Step 9: Another way of visualizing a projective plane would be imagining a sphere centered around the origin. Then all “lines” would result in circles and “points” in a pair of matching dots on the sphere. The advantage of this method is that there wouldn’t be be any difference between normal and vanishing points. But this model is less intuitive than the affine view.
Step 10: Summary: Homogeneous 3D coordinates (which are 4D) are just a generalization of the things I’ve explained above. Coordinates are extended with a fourth coordinate w. Two vectors (x,y,z,w) and (x’,y’,z’,w’) represent the same point in 3D space if one is a multiple of the other. (x,y,z,1) is called the normalized form. Points of the form (x,y,z,0) are again called “vanishing points”.
The distinction point vs vector is something that I’ve only heard in the context of computer science. But I admit that it does make sense to say that (x,y,z,0) are “directions” and (x,y,z,1) are “points”. When you think back at our projective plane then every “line” (which is a plane through origin) can be described by a point p=(x,y,1) and a point d=(dx,dy,0). Those two vectors certainly won’t be collinear and therefore always span a “line” (=plane). s*p will be a “point” that intersects z=1, and t*d is a vanishing point that can be interpreted as the direction of the line which is exactly how we define normal affine lines: p+k*d.
Projective geometry lets you write affine transforms using a single matrix operation (but you already knew that). It also let’s you write projections using a matrix operation. The simplest being (x,y,z,1) -> (x,y,z,z) . After renormalization we get (x/z,y/z,1,1).
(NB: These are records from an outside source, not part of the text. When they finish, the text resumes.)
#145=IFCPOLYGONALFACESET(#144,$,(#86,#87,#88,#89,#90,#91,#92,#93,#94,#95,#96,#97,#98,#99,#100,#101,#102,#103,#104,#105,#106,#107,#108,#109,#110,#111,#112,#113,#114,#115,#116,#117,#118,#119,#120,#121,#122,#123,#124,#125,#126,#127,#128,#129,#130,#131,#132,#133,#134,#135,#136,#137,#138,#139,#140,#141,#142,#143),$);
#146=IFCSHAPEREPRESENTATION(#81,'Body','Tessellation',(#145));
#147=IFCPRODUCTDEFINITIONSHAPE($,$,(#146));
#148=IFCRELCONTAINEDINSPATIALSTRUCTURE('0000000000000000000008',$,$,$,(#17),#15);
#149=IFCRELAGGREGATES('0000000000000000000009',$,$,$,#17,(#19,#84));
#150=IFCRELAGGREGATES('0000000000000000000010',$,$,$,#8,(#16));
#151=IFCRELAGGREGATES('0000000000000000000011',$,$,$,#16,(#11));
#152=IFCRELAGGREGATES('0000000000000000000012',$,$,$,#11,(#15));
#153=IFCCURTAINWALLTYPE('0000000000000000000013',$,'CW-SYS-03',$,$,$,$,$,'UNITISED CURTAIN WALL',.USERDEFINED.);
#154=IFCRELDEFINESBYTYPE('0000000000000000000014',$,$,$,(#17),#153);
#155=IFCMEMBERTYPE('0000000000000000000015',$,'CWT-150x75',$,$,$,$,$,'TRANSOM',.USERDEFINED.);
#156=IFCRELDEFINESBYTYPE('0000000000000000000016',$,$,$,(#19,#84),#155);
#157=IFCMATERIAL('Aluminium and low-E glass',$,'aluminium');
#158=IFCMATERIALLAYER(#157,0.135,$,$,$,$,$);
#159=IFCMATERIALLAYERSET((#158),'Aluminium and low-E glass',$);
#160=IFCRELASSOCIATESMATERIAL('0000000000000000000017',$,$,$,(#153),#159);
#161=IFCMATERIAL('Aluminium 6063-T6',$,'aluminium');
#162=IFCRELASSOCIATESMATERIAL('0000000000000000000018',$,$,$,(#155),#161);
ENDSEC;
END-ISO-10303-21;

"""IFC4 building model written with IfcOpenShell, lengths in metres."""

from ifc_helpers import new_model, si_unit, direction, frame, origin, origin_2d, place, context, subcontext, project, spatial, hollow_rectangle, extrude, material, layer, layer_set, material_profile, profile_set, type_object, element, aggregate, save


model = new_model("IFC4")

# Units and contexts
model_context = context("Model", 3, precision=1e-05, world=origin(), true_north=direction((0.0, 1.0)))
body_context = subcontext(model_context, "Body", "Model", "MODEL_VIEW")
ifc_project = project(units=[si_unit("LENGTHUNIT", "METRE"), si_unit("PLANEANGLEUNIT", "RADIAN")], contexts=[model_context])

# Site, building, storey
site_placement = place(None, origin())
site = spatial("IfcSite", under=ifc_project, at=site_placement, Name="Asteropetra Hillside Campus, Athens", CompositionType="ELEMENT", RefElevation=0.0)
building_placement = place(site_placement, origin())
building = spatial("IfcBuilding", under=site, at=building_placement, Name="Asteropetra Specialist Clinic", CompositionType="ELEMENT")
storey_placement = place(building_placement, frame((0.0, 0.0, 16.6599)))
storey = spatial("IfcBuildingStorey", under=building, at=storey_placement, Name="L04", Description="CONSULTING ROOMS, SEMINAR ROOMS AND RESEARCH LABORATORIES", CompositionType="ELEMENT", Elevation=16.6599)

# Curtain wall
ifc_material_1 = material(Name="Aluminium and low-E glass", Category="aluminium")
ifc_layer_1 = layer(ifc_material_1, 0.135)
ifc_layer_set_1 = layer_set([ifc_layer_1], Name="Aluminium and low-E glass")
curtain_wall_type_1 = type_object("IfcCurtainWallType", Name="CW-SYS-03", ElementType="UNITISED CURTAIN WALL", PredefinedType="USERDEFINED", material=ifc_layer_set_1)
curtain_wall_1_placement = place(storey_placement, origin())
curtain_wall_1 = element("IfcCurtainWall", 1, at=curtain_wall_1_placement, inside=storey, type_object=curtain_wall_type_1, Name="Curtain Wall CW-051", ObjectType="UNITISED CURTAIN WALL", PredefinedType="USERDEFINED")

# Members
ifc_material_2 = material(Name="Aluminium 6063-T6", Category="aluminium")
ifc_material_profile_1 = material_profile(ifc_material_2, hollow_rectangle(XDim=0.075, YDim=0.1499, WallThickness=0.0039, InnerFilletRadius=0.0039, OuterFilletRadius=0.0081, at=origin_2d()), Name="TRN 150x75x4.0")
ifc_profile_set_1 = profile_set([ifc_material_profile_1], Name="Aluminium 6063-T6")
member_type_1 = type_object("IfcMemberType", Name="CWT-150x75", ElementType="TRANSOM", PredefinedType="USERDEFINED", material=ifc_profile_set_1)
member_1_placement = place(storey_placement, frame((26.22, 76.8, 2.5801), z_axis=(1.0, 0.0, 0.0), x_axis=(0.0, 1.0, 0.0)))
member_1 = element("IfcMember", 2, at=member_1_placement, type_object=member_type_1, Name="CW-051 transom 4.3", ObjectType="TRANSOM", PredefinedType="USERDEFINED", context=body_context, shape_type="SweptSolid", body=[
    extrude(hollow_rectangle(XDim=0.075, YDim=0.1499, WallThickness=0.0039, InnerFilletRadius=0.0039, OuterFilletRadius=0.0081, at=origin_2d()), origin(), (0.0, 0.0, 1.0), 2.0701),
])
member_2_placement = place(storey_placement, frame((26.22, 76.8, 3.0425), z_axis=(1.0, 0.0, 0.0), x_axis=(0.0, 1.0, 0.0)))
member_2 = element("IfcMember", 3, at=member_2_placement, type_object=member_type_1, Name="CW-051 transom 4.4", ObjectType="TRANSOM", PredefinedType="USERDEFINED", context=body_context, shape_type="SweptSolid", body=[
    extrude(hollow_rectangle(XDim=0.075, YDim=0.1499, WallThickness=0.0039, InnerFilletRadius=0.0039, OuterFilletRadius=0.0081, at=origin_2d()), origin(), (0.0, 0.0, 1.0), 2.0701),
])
But keep in mind: In projective space (x/z,y/z,1,1) and (x,y,z,z) represent the same point.
The same analogy for affine views applies for a 3D space. Basically our world is only one single 3D affine view of a 3D projective space embedded in 4D! Try that next time to impress people with CSI techno babble!
(For the interested: What mathematicians also like about projective planes is that they fulfill the principle of duality. Simplified this means that any theorem about points and lines can be converted into a “dual” theorem by exchanging the words line and point and change “intersect” to “contained on”. The simplest would be “For two distinct points there is always a line that contains them.” The dual statement is “Two distinct lines always intersect in one point”. Obviously this is not true for affine lines because of parallel lines, but for a projective plane this statement is true. And it can be proven that for all statements that are true in a projective plane, the dual statement is also true. Why is this important? Because if a theorem is difficult to prove then maybe its dual counterpart is easier to prove which would then result in proving the dual version as well.)
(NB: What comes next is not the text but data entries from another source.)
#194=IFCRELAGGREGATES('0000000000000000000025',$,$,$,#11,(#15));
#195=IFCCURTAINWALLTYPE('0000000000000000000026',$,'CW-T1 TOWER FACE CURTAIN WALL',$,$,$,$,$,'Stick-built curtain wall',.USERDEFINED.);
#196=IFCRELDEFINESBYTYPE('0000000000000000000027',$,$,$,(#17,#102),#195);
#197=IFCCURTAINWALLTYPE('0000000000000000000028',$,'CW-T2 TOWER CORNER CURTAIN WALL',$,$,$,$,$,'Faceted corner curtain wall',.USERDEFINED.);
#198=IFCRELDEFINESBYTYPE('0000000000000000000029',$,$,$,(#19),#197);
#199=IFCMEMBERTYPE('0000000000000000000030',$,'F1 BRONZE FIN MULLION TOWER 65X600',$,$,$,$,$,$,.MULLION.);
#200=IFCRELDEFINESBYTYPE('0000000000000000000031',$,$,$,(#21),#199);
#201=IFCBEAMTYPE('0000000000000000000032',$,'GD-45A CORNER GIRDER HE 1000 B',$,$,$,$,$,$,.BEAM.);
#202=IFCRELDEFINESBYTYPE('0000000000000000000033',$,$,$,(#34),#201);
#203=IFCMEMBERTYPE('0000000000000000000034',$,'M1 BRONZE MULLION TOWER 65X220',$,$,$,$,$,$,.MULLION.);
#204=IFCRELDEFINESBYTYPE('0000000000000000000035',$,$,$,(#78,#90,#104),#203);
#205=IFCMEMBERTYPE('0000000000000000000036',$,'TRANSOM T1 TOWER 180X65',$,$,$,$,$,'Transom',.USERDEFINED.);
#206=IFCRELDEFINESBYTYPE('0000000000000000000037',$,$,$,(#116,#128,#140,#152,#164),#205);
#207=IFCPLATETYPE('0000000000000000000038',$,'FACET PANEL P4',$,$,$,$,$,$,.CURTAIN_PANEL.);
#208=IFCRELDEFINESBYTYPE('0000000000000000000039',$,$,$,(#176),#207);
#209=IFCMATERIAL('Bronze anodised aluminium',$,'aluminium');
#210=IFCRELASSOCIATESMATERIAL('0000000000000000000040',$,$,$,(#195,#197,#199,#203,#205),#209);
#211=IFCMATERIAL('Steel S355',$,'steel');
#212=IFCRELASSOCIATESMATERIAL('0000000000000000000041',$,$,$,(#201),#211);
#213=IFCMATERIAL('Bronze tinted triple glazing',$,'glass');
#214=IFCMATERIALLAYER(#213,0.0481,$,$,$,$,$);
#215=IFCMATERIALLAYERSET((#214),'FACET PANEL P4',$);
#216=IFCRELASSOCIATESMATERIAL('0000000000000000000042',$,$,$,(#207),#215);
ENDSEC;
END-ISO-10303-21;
Ok, that’s it. I hope I could demystify homogeneous coordinates and didn’t confuse you even more. It won’t change the way you’ll use them in your 3D engine, but maybe you’ll look at them in a different way now. Homogeneous coordinates are used in the field of projective geometry which generalizes affine geometry.
By the way: quaternions also haven’t been invented to let game developers do nice rotations. But that’s a different story …
Update (28th Jan 2013): The term “normalized” can be confusing when it comes to homogeneous coordinates. To clear this up: When we deal with homogeneous coordinates (x, y, z, w), then the normalized form means w==1. When talking about ordinary 3d coordinates, then normalized means length==1. In the above article whenever I use the term normalized, I mean normalized in the sense of normalized homogeneous coordinates, NOT unit length.